Nikolai Apollonovich probeerde uit Likhutin te ontsnappen, maar werd weer in de hoek gegooid en ligt vernederd, met zijn jas van zijn jas gescheurd. 'Ik zal je niet doden', zegt Sergey Sergeyevich. Hij sleepte Ableukhov naar zichzelf toe, omdat Sofya Petrovna hem over de brief vertelde. Hij wil Ableukhov opsluiten, naar zijn huis gaan, de bom vinden en deze in de Neva gooien. Trots werd wakker in Nikolai Apollonovich, hij was woedend dat Sergey Sergeyevich hem kon tellen die in staat was zijn eigen vader te vermoorden.
Het huisje keek uit over de zee, er klopte een struik uit het raam. Lippanchenko en Zoya Zakharovna zaten voor een samovar. De struik kookte. In zijn takken verbergde zich een gestalte, wegkwijnend en trillend. Ze dacht dat de ruiter met uitgestrekte hand naar de ramen van het huisje wijst. De figuur naderde het huis en deinsde terug ... Lippanchenko kijkt om zich heen, het geluid buiten de ramen trekt zijn aandacht, met een kaars loopt hij door het huis - niemand ... Een klein figuur rent naar het huis, breekt in het slaapkamerraam en verbergt ... De kaars werpt fantastische schaduwen, Lippanchenko doet de deur op slot en gaat naar bed. In de daaropvolgende fosfor schemering duikt er duidelijk een schaduw op die hem nadert. Lippanchenko rent naar de deur en voelt alsof er een stroom kokend water over zijn rug stroomt, en toen voelde hij een stroom kokend water onder zijn navel ... Toen ze 's ochtends naar zijn kamer kwamen, was Lippanchenko er niet, maar was het een lijk; en de figuur van een man met een vreemde grijns op zijn witte gezicht, zittend op een dode man schrijlings, met een schaar in zijn hand.
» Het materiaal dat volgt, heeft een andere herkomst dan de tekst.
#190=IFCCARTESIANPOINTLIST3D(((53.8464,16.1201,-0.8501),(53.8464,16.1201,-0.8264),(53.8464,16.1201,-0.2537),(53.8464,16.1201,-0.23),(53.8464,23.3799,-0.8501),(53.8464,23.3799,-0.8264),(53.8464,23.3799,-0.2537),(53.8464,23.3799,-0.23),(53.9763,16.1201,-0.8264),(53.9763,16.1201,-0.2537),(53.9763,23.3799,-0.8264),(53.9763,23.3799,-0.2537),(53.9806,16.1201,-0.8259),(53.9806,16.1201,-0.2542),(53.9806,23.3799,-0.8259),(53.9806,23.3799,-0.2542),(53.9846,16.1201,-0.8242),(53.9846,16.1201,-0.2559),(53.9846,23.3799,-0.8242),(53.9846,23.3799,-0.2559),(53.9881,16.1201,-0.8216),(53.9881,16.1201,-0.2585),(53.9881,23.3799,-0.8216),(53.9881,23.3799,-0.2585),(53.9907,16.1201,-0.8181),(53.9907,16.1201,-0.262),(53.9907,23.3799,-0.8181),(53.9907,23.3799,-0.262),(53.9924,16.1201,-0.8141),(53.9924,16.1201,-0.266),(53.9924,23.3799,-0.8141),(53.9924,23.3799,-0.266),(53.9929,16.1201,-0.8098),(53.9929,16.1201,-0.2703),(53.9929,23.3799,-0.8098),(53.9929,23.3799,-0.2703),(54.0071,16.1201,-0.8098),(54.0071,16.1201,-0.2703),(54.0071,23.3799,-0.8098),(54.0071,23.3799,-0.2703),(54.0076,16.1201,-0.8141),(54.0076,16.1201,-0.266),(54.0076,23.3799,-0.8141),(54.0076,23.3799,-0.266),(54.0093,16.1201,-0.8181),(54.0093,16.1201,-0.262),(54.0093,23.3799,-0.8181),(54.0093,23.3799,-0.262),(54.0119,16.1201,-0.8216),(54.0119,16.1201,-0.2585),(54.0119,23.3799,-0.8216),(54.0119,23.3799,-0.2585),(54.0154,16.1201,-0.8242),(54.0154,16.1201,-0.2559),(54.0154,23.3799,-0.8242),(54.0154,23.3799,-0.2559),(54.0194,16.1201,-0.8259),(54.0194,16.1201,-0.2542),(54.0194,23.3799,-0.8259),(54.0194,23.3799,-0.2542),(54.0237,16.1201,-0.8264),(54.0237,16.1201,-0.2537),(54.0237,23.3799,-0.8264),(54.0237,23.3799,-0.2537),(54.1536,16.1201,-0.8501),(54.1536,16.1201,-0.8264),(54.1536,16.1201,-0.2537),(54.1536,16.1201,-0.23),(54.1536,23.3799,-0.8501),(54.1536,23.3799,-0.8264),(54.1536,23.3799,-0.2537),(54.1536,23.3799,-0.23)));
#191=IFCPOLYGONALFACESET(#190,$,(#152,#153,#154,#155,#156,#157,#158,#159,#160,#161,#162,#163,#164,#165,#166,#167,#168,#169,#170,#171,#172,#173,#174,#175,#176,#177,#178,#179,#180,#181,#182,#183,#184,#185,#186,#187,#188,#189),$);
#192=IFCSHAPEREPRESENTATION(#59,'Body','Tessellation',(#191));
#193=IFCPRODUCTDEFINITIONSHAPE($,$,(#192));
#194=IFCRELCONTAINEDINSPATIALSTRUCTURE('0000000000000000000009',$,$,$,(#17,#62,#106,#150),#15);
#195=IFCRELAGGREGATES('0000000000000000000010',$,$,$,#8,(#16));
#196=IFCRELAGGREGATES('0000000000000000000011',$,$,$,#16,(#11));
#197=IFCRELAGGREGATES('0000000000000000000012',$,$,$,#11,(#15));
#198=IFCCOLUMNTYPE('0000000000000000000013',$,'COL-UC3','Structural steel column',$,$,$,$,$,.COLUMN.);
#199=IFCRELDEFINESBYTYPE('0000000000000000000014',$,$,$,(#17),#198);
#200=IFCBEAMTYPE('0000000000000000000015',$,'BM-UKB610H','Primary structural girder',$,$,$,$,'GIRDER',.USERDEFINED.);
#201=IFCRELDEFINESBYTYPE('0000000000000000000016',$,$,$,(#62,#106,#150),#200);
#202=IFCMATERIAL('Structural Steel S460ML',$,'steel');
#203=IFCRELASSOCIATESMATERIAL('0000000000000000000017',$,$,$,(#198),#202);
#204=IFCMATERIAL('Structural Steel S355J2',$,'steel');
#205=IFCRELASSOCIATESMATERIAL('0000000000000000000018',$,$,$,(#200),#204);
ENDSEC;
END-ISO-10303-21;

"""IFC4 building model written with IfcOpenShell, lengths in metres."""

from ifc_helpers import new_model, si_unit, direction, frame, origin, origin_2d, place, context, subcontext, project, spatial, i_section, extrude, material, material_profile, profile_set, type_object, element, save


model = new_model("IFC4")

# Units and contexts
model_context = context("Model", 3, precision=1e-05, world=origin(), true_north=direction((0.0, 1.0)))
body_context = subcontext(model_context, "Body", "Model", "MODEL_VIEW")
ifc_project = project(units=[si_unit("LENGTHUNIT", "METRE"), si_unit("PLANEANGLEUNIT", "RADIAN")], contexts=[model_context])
Apollon Apollonovich arriveerde in het hotel bij Anna Petrovna en keerde met haar terug naar huis ... Nikolai Apollonovich in zijn kamerkast breekt af op zoek naar een sardine. Nergens is ze. De bediende komt binnen met limoen - Anna Petrovna arriveerde - en vraagt naar de salon. Na twee en een half jaar dineren de Ableukhovs weer met drie van hen ... Nikolai Apollonovich besluit dat Likhutin, bij gebrek aan zijn Sardijnse, al heeft ingenomen. Hij begeleidt zijn moeder naar het hotel, roept de Likhutins binnen, maar hun ramen zijn donker, de Likhutins waren niet thuis ...
Nikolai Apollonovich kon die nacht niet in slaap vallen. Hij stapte de gang in, hurkte neer en deed een dutje van vermoeidheid. Werd wakker op de vloer in de gang. Er klonk een zwaar gebrul ...
Nikolai Apollonovich rende naar de plaats waar slechts een deur naar het kantoor van zijn vader was. Er was geen deur: er was een enorme storing. In de slaapkamer zat Apollo Apollonovich met zijn armen om zijn knieën op het bed en brulde. Toen hij zijn zoon zag, begon hij van hem weg te rennen, rende door de gang en sloot zichzelf op in het toilet ...
Apollon Apollonovich nam ontslag en verhuisde naar het dorp. Hier woonde hij bij Anna Petrovna, schreef memoires, in het jaar van zijn dood zagen ze het daglicht.
Nikolai Apollonovich, die de hele tijd van het onderzoek koorts had, ging naar het buitenland naar Egypte. Hij keerde pas na de dood van zijn vader terug naar Rusland.